Kelly and calvin klein biography book
''Obsession: The Lives and Times of Calvin Klein''
Shortly after the unauthorized biography Obsession: The Lives and Times of Calvin Klein was finally published, author Steven Gaines was making an unscheduled stop in a gay bookstore in West Hollywood to sign copies when he felt someone’s gaze. He looked up and locked eyes with Klein’s longtime friend, media mogul David Geffen, whom Gaines and coauthor Sharon Churcher believe tried to kill their book.
”It was so startling,” says Gaines. ”It must have been startling for him, too. All my life I’ve heard the expression ‘My blood ran cold,’ but never until that morning did I know what that meant.”
Gaines says Geffen quickly left the store after their silent ”three-second stare” on April But it was a fitting footnote to one of the more chilling tales in recent publishing history-and we’re referring not to the dishy and salacious book itself, but rather to the story behind the book.
Mysteriously dropped by its original publisher, G.P. Putnam’s Sons-which still paid the authors the $, advance promised them-then rejected by several other major houses, the book was eventually published by Steven Schragis’ privately owned Carol Publishing. This time, the authors got only $20,
Obsession refers to both Calvin Klein’s best-selling perfume and his ferocious ambition.
The book is an entertaining, if formulaic, biography of one of the world’s most famous fashion designers. It’s also an exhaustively researched chronicle of the ascent of a man whose life mirrors America’s post- Vietnam War roller coaster of sex, drugs, rock, and redemption. The book tracks Klein from his Bronx childhood to the drug-infested citadels of ’70s gay promiscuity such as Studio 54, ending with a sober Klein married to his second wife, Kelly Rector.

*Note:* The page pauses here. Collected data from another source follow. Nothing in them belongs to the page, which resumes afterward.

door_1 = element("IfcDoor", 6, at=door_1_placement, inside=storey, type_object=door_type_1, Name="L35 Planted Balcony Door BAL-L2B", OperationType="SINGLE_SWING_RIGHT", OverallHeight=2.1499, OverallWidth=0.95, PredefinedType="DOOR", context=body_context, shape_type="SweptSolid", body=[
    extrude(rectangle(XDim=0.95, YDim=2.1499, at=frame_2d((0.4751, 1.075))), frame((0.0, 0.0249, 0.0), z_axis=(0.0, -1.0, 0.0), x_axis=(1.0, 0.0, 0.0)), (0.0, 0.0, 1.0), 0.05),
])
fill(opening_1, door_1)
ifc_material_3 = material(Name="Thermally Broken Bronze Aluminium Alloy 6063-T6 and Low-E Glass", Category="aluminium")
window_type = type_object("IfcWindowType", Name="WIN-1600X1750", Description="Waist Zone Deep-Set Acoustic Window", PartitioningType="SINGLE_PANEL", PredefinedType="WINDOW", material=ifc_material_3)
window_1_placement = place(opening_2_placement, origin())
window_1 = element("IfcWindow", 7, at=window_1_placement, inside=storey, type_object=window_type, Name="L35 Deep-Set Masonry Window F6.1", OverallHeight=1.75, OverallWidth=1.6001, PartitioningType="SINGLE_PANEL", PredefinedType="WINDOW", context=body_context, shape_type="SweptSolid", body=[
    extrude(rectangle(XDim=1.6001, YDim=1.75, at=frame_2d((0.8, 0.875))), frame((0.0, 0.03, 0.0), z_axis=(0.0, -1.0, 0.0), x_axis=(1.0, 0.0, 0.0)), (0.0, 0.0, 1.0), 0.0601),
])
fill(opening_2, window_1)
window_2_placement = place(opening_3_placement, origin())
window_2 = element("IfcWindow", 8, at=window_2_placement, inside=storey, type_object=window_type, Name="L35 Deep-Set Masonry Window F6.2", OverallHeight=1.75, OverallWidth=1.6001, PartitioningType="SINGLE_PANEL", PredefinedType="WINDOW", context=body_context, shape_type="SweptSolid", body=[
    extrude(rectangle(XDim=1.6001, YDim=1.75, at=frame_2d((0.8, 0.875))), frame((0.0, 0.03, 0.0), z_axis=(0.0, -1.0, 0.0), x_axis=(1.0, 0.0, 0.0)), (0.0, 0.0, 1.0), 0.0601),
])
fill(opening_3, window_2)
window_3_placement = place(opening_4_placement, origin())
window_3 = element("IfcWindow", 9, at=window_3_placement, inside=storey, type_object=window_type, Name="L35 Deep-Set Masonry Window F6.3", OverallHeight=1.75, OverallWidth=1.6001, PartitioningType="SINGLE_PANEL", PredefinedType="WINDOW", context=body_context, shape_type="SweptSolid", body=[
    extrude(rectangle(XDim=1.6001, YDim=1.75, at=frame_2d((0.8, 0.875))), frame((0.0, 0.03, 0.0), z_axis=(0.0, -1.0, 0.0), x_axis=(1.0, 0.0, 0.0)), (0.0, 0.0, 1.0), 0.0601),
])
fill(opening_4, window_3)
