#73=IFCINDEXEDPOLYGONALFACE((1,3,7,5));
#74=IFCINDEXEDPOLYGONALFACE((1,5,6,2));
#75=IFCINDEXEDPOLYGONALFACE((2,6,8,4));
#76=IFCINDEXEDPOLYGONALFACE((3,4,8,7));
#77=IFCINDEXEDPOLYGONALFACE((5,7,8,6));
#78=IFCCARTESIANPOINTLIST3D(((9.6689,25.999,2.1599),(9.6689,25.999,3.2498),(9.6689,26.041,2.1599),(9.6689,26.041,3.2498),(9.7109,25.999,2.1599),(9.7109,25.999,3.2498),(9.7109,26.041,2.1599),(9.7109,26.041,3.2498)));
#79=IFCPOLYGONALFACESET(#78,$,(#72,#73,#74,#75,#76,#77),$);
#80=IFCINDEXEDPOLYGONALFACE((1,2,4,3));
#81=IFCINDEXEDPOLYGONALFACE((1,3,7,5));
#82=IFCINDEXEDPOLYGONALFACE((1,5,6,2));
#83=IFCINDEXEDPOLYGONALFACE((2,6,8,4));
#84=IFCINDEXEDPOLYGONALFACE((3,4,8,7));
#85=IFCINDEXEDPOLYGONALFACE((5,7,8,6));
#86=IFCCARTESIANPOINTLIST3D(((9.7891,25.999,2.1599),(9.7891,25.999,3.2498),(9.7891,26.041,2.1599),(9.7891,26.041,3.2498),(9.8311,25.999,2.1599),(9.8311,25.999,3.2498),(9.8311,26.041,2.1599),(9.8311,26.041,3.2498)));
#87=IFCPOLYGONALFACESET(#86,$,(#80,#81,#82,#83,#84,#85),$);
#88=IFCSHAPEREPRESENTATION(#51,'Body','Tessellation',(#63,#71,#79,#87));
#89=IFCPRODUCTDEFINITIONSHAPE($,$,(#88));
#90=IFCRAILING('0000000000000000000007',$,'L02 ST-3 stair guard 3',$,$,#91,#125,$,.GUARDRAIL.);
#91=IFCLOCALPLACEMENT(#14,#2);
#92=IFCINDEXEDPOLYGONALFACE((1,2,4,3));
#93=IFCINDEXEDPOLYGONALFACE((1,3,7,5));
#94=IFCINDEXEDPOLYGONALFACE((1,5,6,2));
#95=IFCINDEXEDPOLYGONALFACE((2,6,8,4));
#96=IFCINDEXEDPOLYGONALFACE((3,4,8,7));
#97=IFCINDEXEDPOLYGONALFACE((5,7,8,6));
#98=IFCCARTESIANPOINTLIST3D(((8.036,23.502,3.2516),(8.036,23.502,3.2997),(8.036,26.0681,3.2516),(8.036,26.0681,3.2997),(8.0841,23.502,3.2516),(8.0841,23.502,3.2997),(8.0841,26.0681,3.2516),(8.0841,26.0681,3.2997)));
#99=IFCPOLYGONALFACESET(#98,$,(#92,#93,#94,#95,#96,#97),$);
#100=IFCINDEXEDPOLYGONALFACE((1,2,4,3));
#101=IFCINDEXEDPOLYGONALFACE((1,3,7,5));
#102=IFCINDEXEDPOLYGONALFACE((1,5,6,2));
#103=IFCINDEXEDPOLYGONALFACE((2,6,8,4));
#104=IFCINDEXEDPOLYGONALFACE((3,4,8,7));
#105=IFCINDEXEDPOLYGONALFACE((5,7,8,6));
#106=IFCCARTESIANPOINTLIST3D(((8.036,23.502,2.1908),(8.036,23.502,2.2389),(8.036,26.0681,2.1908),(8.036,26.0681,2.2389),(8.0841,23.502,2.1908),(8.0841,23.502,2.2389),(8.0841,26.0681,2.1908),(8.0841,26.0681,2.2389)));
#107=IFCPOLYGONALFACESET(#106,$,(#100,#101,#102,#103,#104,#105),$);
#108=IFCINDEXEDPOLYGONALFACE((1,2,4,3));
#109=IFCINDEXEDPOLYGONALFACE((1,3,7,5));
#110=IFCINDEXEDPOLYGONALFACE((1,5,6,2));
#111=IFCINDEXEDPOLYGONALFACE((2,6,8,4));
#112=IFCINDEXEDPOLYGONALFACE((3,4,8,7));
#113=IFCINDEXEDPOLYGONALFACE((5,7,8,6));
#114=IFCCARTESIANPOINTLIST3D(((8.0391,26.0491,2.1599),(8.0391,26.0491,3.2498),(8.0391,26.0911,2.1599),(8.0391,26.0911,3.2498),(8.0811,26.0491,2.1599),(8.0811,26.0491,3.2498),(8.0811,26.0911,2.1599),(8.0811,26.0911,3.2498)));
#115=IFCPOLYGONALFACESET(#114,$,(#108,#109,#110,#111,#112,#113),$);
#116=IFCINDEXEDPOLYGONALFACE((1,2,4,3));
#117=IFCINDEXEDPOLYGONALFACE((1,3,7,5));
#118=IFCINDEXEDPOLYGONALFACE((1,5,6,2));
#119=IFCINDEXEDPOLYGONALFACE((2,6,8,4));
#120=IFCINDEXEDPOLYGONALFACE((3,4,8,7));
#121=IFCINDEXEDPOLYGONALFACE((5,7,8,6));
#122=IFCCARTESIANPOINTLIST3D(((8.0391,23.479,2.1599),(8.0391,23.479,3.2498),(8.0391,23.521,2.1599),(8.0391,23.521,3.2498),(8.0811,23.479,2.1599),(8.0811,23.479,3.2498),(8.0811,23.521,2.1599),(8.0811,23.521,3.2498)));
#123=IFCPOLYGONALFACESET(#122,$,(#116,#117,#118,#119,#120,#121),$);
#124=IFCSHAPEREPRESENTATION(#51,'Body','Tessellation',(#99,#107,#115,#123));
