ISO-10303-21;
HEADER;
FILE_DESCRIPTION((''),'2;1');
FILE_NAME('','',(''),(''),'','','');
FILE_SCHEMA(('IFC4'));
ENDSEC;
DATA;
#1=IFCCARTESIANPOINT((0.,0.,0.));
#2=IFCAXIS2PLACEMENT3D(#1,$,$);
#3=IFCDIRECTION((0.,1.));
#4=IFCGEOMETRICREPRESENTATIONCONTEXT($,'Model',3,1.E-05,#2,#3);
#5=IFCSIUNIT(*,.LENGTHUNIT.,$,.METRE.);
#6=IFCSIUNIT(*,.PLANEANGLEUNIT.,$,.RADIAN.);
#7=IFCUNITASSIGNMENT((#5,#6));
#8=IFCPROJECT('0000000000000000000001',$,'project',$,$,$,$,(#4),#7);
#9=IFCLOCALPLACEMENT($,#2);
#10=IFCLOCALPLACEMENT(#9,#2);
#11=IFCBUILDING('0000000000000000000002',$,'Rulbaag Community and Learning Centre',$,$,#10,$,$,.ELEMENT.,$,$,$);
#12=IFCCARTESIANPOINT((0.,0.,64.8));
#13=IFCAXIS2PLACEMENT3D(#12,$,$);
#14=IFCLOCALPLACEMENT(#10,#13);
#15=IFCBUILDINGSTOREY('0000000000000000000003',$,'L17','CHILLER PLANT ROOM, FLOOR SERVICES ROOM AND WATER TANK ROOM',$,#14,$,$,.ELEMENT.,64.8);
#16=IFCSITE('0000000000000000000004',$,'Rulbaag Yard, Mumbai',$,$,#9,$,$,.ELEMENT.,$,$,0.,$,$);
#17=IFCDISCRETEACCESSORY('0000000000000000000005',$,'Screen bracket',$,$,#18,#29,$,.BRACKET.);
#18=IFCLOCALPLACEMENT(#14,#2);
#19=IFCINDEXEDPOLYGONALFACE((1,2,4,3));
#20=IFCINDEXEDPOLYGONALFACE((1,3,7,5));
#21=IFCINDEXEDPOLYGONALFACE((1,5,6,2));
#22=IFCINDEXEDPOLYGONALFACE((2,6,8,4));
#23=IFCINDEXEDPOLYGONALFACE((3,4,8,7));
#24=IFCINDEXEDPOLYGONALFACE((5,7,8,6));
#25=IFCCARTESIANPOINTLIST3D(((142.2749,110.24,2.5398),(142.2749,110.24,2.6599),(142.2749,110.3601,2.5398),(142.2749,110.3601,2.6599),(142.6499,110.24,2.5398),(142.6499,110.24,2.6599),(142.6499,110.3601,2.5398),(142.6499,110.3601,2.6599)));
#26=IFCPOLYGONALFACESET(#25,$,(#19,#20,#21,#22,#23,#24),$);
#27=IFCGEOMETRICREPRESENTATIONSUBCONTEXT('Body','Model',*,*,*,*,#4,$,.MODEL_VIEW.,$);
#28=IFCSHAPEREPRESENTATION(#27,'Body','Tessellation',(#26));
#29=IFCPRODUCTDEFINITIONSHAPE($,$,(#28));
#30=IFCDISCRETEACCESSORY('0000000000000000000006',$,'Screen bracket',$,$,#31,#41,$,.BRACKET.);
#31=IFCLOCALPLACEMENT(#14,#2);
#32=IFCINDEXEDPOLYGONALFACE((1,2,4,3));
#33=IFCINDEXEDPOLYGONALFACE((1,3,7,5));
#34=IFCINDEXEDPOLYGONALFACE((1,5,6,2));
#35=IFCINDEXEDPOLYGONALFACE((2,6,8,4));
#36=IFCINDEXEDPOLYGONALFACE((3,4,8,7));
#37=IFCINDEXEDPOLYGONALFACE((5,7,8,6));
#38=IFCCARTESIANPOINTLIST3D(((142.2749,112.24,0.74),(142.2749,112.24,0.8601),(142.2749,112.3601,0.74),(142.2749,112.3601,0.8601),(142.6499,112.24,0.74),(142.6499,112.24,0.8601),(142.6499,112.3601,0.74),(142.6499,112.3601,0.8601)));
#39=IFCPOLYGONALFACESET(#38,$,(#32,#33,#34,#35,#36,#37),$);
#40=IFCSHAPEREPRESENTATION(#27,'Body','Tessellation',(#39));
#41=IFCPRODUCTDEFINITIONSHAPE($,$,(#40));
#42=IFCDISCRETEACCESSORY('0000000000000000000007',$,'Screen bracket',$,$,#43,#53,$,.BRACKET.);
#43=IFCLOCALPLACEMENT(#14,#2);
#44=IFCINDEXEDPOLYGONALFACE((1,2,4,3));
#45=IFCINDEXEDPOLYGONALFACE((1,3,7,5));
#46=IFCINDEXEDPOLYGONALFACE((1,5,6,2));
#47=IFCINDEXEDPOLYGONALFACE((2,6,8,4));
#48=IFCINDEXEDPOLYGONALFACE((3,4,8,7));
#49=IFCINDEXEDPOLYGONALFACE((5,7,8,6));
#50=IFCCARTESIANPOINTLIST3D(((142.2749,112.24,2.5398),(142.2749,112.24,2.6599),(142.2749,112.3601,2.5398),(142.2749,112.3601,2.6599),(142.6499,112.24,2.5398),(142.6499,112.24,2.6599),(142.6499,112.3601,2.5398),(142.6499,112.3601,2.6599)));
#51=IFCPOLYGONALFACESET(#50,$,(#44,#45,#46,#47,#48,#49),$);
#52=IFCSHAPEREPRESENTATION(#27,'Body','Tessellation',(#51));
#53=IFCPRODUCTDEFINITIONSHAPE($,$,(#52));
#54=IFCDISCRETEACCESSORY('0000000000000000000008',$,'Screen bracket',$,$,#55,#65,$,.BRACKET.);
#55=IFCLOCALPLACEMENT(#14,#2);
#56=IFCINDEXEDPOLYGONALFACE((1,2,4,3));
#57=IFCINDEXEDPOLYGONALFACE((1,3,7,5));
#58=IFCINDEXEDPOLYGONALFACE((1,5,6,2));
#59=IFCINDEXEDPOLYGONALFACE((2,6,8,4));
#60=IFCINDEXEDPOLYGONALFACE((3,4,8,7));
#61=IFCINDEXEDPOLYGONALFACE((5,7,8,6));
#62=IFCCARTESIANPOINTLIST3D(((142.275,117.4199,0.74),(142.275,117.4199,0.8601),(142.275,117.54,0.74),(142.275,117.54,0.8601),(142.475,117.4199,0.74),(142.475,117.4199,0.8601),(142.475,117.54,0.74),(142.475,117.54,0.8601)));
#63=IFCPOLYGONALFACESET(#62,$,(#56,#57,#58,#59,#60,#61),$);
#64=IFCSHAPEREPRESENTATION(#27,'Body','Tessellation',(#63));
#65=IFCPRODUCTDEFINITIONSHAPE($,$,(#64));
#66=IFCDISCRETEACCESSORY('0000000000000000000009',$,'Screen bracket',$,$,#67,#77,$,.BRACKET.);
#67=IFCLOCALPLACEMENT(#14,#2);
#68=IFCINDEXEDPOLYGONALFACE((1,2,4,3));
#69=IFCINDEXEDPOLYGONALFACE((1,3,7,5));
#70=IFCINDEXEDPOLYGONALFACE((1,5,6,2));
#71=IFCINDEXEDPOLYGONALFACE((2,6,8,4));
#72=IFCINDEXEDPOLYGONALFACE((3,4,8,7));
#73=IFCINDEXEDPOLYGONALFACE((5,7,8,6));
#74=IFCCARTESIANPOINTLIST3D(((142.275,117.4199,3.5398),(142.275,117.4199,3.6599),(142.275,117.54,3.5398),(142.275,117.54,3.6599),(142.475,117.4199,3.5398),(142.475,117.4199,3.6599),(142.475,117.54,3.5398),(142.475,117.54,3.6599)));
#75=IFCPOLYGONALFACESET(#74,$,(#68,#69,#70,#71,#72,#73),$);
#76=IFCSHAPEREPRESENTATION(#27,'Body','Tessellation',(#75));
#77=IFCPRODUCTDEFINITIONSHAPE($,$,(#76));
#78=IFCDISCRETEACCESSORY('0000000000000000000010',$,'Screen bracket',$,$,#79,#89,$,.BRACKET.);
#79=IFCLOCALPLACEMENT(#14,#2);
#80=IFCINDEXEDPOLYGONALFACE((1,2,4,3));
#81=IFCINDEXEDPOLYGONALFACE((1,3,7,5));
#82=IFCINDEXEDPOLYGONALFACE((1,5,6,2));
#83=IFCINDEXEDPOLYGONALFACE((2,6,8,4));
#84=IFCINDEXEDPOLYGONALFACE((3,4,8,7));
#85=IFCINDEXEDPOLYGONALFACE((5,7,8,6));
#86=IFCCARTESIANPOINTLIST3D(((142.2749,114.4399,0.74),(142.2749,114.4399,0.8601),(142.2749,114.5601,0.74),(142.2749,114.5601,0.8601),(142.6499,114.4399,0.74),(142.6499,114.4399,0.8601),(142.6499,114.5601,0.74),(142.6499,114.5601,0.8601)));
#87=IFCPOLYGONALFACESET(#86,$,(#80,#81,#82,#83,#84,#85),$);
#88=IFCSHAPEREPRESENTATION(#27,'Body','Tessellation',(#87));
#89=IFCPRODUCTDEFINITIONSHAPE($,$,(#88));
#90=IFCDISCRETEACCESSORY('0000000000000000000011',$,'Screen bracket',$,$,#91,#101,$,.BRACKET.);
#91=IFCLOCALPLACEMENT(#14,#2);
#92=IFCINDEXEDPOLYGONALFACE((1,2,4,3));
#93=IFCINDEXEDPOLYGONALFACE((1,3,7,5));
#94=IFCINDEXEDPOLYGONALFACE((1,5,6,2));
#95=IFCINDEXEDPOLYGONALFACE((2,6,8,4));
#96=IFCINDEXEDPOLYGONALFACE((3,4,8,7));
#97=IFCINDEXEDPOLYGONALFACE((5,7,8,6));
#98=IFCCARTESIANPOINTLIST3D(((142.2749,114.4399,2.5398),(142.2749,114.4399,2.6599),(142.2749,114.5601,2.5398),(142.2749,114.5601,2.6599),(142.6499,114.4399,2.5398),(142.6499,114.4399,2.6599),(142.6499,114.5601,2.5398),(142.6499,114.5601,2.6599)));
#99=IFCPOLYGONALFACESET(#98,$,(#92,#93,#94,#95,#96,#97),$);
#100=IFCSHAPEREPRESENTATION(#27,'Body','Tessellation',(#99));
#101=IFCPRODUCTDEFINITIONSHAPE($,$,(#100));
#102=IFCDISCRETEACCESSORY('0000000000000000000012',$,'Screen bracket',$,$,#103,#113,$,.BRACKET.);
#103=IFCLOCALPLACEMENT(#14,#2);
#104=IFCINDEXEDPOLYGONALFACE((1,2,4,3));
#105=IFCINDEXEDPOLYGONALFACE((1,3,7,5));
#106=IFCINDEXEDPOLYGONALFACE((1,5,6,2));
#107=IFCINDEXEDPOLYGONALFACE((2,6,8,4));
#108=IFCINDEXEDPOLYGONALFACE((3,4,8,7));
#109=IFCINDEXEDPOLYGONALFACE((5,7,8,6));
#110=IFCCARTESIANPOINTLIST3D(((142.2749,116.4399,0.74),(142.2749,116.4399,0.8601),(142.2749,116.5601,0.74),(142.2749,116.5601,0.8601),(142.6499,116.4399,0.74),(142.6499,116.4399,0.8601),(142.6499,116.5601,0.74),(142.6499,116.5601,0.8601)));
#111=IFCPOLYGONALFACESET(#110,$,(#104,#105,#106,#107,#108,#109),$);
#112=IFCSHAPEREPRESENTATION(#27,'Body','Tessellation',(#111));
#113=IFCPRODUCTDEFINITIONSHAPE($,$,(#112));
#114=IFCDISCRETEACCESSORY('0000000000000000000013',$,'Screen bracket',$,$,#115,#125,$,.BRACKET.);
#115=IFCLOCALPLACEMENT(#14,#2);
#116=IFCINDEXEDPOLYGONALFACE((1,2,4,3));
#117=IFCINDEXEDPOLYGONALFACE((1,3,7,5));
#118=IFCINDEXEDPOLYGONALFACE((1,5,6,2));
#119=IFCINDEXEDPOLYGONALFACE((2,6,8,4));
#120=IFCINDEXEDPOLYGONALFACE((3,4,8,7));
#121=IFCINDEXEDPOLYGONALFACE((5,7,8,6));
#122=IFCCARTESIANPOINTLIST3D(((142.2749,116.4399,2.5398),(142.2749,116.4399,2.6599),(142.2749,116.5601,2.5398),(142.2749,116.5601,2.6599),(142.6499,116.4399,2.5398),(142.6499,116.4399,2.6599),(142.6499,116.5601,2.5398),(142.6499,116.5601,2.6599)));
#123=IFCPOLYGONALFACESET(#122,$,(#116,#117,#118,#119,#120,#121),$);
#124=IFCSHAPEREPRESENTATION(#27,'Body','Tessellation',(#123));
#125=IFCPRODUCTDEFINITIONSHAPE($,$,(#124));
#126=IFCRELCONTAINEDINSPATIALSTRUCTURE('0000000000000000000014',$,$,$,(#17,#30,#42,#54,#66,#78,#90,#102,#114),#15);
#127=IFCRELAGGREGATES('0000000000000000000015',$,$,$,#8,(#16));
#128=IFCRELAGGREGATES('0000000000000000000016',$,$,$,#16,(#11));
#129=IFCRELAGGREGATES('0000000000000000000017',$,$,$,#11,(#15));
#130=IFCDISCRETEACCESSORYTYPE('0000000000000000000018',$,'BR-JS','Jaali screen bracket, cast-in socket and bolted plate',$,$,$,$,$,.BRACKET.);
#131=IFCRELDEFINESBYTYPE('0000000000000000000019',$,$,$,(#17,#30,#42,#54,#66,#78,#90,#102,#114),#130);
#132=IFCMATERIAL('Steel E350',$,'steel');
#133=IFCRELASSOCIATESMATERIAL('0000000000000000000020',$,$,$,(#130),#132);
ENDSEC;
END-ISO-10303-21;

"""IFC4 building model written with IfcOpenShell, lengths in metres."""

from ifc_helpers import new_model, si_unit, direction, frame, origin, origin_2d, place, context, subcontext, project, spatial, rectangle, extrude, material, type_object, element, save


model = new_model("IFC4")

# Units and contexts
model_context = context("Model", 3, precision=1e-05, world=origin(), true_north=direction((0.0, 1.0)))
body_context = subcontext(model_context, "Body", "Model", "MODEL_VIEW")
ifc_project = project(units=[si_unit("LENGTHUNIT", "METRE"), si_unit("PLANEANGLEUNIT", "RADIAN")], contexts=[model_context])

# Site, building, storey
site_placement = place(None, origin())
site = spatial("IfcSite", under=ifc_project, at=site_placement, Name="Rulbaag Yard, Mumbai", CompositionType="ELEMENT", RefElevation=0.0)
building_placement = place(site_placement, origin())
building = spatial("IfcBuilding", under=site, at=building_placement, Name="Rulbaag Community and Learning Centre", CompositionType="ELEMENT")
storey_placement = place(building_placement, frame((0.0, 0.0, 64.8)))
storey = spatial("IfcBuildingStorey", under=building, at=storey_placement, Name="L17", Description="CHILLER PLANT ROOM, FLOOR SERVICES ROOM AND WATER TANK ROOM", CompositionType="ELEMENT", Elevation=64.8)

# Discrete accessories
ifc_material_1 = material(Name="Steel E350", Category="steel")
discrete_accessory_type_1 = type_object("IfcDiscreteAccessoryType", Name="BR-JS", Description="Jaali screen bracket, cast-in socket and bolted plate", PredefinedType="BRACKET", material=ifc_material_1)
for number, where, z_axis, x_axis, name in (
    (1, (142.4624, 110.3, 2.5398), (0.0, 0.0, 1.0), (1.0, 0.0, 0.0), "Screen bracket"),
    (2, (142.4624, 112.3, 0.74), (0.0, 0.0, 1.0), (1.0, 0.0, 0.0), "Screen bracket"),
    (3, (142.4624, 112.3, 2.5398), (0.0, 0.0, 1.0), (1.0, 0.0, 0.0), "Screen bracket"),
):
    element("IfcDiscreteAccessory", number, at=place(storey_placement, frame(where, z_axis=z_axis, x_axis=x_axis)), inside=storey, type_object=discrete_accessory_type_1, Name=name, PredefinedType="BRACKET", context=body_context, shape_type="SweptSolid", body=[
        extrude(rectangle(XDim=0.375, YDim=0.1201, at=origin_2d()), origin(), (0.0, 0.0, 1.0), 0.1201),
    ])
for number, where, z_axis, x_axis, name in (
    (4, (142.375, 117.48, 0.74), (0.0, 0.0, 1.0), (1.0, 0.0, 0.0), "Screen bracket"),
    (5, (142.375, 117.48, 3.5398), (0.0, 0.0, 1.0), (1.0, 0.0, 0.0), "Screen bracket"),
):
    element("IfcDiscreteAccessory", number, at=place(storey_placement, frame(where, z_axis=z_axis, x_axis=x_axis)), inside=storey, type_object=discrete_accessory_type_1, Name=name, PredefinedType="BRACKET", context=body_context, shape_type="SweptSolid", body=[
        extrude(rectangle(XDim=0.2, YDim=0.1201, at=origin_2d()), origin(), (0.0, 0.0, 1.0), 0.1201),
    ])
for number, where, z_axis, x_axis, name in (
    (6, (142.4624, 114.5, 0.74), (0.0, 0.0, 1.0), (1.0, 0.0, 0.0), "Screen bracket"),
    (7, (142.4624, 114.5, 2.5398), (0.0, 0.0, 1.0), (1.0, 0.0, 0.0), "Screen bracket"),
    (8, (142.4624, 116.5, 0.74), (0.0, 0.0, 1.0), (1.0, 0.0, 0.0), "Screen bracket"),
    (9, (142.4624, 116.5, 2.5398), (0.0, 0.0, 1.0), (1.0, 0.0, 0.0), "Screen bracket"),
):
    element("IfcDiscreteAccessory", number, at=place(storey_placement, frame(where, z_axis=z_axis, x_axis=x_axis)), inside=storey, type_object=discrete_accessory_type_1, Name=name, PredefinedType="BRACKET", context=body_context, shape_type="SweptSolid", body=[
        extrude(rectangle(XDim=0.375, YDim=0.1201, at=origin_2d()), origin(), (0.0, 0.0, 1.0), 0.1201),
    ])

save(model, "model.ifc")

Surprisingly, the book does not portray Klein as a closeted homosexual in a sham marriage; rather, it says he is a conflicted bisexual who occasionally falls for women.
Obsession with Klein’s story also drove the two authors to overcome what they say was the biggest obstacle in getting the book out: the increasing difficulty of publishing controversial books about powerful people at a time when so many major publishers are owned by multimedia companies.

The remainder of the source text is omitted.